You gave up on libinput after an inability to configure scroll speed, but the rest of those are all configurable with libinput and libinput-gestures[1].

I don't use gestures yet and default scroll speed has always been fine, and the following tiny libinput configuration hits the rest of your points.

  $ cat /etc/X11/xorg.conf.d/30-touchpad.conf

  Section "InputClass"
      Identifier "touchpad"
      Driver "libinput"
      MatchIsTouchpad "on"
      Option "Tapping" "on"
      Option "TappingButtonMap" "lrm"
      Option "NaturalScrolling" "true"
  EndSection
Is there a reason you haven't asked the libinput maintainer about whether configurable scroll speed would be welcome upstream (in the prior post, it comes across like your question was far more open ended)? Forking it just to add scroll speed configuration and replicate work that's already been done elsewhere seems a little excessive.

[1] https://github.com/bulletmark/libinput-gestures



Appreciate the actionable ideas re: config file.

As far as the broader configurability questions, it's not so much that I want options libinput doesn't have (though that's a little bit of it).

It's more that I want the default behavior to be good enough where accessing the options aren't necessary (e.g., Macbook). In the event that the default options aren't that good, I want visual settings to tune the experience. Gnome 3 with libinput currently provides two options. Neither is pointer acceleration.

Since much of what I hope to improve the "feel" of default behavior, I don't think this could be as straightforward as "submit a PR to libinput." I think it could end up being a lot of work to get the default experience feeling great. The number of folks with interest in this esoteric subject seems to me like evidence of that.

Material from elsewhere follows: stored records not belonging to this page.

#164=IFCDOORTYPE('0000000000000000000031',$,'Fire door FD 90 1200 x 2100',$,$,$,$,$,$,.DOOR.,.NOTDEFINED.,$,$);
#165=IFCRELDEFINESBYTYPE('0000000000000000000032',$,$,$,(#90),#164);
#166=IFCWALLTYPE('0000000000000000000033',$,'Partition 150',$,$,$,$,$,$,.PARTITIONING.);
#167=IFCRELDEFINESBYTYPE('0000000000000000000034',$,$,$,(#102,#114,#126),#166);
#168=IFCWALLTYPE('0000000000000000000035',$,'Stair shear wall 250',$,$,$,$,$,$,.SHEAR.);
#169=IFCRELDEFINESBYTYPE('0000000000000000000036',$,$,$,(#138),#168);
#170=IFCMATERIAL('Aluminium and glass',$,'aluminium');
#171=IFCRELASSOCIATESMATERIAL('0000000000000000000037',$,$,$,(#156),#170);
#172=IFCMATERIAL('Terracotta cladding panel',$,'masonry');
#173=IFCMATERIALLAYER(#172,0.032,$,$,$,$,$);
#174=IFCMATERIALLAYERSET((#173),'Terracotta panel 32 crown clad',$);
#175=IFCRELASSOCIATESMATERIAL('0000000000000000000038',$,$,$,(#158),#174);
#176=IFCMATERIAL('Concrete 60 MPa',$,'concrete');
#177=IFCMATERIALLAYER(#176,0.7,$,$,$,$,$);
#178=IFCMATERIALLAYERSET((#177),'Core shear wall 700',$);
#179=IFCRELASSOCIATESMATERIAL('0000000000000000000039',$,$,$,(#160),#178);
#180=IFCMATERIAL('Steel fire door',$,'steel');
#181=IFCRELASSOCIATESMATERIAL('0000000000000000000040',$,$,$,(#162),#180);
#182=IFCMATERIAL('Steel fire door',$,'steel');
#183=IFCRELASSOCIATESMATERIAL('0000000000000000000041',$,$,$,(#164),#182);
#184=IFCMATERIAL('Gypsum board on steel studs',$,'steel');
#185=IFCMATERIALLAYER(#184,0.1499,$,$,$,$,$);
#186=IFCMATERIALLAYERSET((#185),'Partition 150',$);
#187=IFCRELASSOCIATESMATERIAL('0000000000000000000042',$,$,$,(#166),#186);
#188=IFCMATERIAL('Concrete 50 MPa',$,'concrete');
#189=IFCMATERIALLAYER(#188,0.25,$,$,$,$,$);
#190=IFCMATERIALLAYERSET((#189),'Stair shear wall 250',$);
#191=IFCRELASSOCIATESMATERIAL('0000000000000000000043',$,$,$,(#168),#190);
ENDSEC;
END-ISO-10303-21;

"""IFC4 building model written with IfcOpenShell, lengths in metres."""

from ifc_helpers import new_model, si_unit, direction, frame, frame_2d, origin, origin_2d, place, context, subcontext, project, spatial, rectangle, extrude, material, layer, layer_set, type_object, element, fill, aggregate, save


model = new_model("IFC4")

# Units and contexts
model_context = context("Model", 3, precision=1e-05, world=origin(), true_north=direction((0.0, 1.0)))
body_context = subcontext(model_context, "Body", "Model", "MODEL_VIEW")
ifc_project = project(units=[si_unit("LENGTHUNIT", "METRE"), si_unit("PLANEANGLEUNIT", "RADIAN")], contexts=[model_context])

Why not just create a gnome-widget that does libinput configuration under the hood?

The purpose of the fork cannot be just to provide sane defaults.


> It's more that I want the default behavior to be good enough where accessing the options aren't necessary

Pretty sure that's what the libinput developers want, too.


Is there a way to follow the project? I'd be interested to help out but didn't quickly find a github link or similar.